Une Montagne en mal d’enfant
Jetait une clameur si haute,
Que chacun au bruit accourant
Crut qu’elle accoucherait, sans faute,
D’une Cité plus grosse que Paris :
Elle accoucha d’une Souris.
Quand je songe à cette Fable
Dont le récit est menteur
Et le sens est véritable,
Je me figure un Auteur
Qui dit : Je chanterai la guerre
Que firent les Titans au Maître du tonnerre.
C’est promettre beaucoup : mais qu’en sort-il souvent ?
Du vent.
Autre analyse:
Analyses de Chamfort – 1796.
V. 8. Dont le récit est menteur, Et le sens est véritable.
Toutes les fables , quand elles sont bien faites , doivent être dans le même cas , et cacher un sens vrai sous le récit d’une action inventée.
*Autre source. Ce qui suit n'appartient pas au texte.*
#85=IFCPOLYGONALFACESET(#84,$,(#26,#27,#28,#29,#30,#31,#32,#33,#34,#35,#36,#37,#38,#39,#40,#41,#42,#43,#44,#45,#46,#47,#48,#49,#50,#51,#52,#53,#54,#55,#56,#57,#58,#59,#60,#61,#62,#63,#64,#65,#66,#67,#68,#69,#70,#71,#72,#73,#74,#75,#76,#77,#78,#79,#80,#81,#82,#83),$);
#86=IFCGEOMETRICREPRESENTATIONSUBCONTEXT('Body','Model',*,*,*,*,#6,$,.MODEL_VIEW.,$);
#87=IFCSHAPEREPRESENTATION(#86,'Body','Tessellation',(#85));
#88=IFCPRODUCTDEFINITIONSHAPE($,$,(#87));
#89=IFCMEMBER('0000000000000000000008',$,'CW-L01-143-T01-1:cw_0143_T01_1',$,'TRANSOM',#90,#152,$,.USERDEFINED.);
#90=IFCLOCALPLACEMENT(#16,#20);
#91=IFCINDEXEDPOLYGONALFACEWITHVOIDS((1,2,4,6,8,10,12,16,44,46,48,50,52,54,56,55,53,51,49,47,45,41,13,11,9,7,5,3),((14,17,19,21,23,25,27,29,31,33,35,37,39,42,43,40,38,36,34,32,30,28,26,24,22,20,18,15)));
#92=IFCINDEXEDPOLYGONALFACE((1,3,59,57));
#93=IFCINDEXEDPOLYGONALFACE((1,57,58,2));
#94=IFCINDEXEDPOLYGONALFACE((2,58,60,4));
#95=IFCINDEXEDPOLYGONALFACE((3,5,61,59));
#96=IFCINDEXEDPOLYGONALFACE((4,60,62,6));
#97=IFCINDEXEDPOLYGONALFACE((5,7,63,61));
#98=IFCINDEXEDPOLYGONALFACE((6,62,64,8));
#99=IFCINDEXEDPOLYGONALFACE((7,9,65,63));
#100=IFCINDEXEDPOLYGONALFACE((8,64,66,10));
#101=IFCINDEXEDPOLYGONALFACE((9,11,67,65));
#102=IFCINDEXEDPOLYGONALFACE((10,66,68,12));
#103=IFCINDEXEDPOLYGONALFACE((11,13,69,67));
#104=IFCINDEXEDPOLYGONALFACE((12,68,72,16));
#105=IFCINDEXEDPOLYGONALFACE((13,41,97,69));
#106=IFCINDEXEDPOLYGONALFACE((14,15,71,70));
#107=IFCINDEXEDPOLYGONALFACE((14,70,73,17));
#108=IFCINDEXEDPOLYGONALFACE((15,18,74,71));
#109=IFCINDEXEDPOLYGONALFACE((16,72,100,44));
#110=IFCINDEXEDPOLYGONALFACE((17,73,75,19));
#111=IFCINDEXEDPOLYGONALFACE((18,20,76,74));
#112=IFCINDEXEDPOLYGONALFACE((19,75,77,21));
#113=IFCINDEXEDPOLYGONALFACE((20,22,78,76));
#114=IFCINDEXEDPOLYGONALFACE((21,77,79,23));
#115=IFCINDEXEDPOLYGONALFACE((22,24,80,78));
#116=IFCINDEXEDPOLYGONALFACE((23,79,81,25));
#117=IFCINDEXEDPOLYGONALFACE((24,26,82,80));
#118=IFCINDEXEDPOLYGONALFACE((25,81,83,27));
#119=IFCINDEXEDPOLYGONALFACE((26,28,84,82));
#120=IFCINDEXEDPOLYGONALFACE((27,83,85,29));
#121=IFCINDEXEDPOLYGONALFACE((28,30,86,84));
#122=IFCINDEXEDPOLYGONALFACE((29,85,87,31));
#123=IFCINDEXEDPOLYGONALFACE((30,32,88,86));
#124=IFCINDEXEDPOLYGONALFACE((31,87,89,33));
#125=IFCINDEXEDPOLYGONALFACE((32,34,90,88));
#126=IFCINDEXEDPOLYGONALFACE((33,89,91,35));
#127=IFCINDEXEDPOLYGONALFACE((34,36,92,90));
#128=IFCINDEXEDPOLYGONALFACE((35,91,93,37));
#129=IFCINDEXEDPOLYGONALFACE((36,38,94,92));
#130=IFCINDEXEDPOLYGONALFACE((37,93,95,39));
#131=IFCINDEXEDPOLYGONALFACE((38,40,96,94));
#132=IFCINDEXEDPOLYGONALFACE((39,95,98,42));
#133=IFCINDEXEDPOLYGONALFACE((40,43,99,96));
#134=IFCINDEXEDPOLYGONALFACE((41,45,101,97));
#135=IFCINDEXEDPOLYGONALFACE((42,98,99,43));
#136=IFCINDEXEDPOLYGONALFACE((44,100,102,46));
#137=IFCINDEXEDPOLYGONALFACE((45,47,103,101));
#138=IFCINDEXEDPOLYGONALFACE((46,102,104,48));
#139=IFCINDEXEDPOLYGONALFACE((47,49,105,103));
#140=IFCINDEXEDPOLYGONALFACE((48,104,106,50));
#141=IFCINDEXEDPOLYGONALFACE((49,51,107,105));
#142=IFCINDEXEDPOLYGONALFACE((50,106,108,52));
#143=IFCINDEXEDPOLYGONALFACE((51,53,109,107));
D’où vient donc La Fontaine n’applique-t-il cette réflexion qu’à l’Apologue actuel ? Serait-ce qu’une montagne prête d’accoucher lui aurait paru plus contraire à la vraisemblance qu’une lime qui adresse la parole à un serpent ? Cela serait une grande bonhommie.
V. 14. Du vent.
Ce vers de deux syllabes fait ici un effet très-agréable ; et on ne peut exprimer mieux la nullité de la production annoncée avec faste. (La Montagne qui accouche).
Commentaires de MNS Guillon – 1803.
(1) Rabelais : « La mocquerie est telle que de la Montaigne d’Horace, laquelle crioit et lamentoit énormément comme femme en travail d’enfant. A son cry et lamentation, accourut tout le voisinage, en expectation de voir quelque admirable et monstrueux enfantement; mais enfin ne nasquit d’elle qu’une petite Souris ». Horace a renfermé ce sujet dans un seul vers , qui est un modèle inimitable de précision et d’harmonie imitative. Le ridiculus mus a été imité par La Fontaine dans ces derniers mots: Mais qu’en sort-il souvent ?
Du vent.
Peut-être Boileau est-il aussi précis qu’Horace, mais moins pittoresque :
La Montagne en travail enfante une Souris. (Art. Poé t. ch. 3.)
La fable de Boursault est plus chargée en description : ce n’étoit point une saillie, c’étoit un tableau que son genre exigeoit de lui. Hagedorn , pour se donner plus de carrière, imagine une espèce d’ordre composite ; et il faut lui savoir au moins gré d’avoir reculé les bornes de l’art. Nous avons eu déjà occasion de parler de cette fable.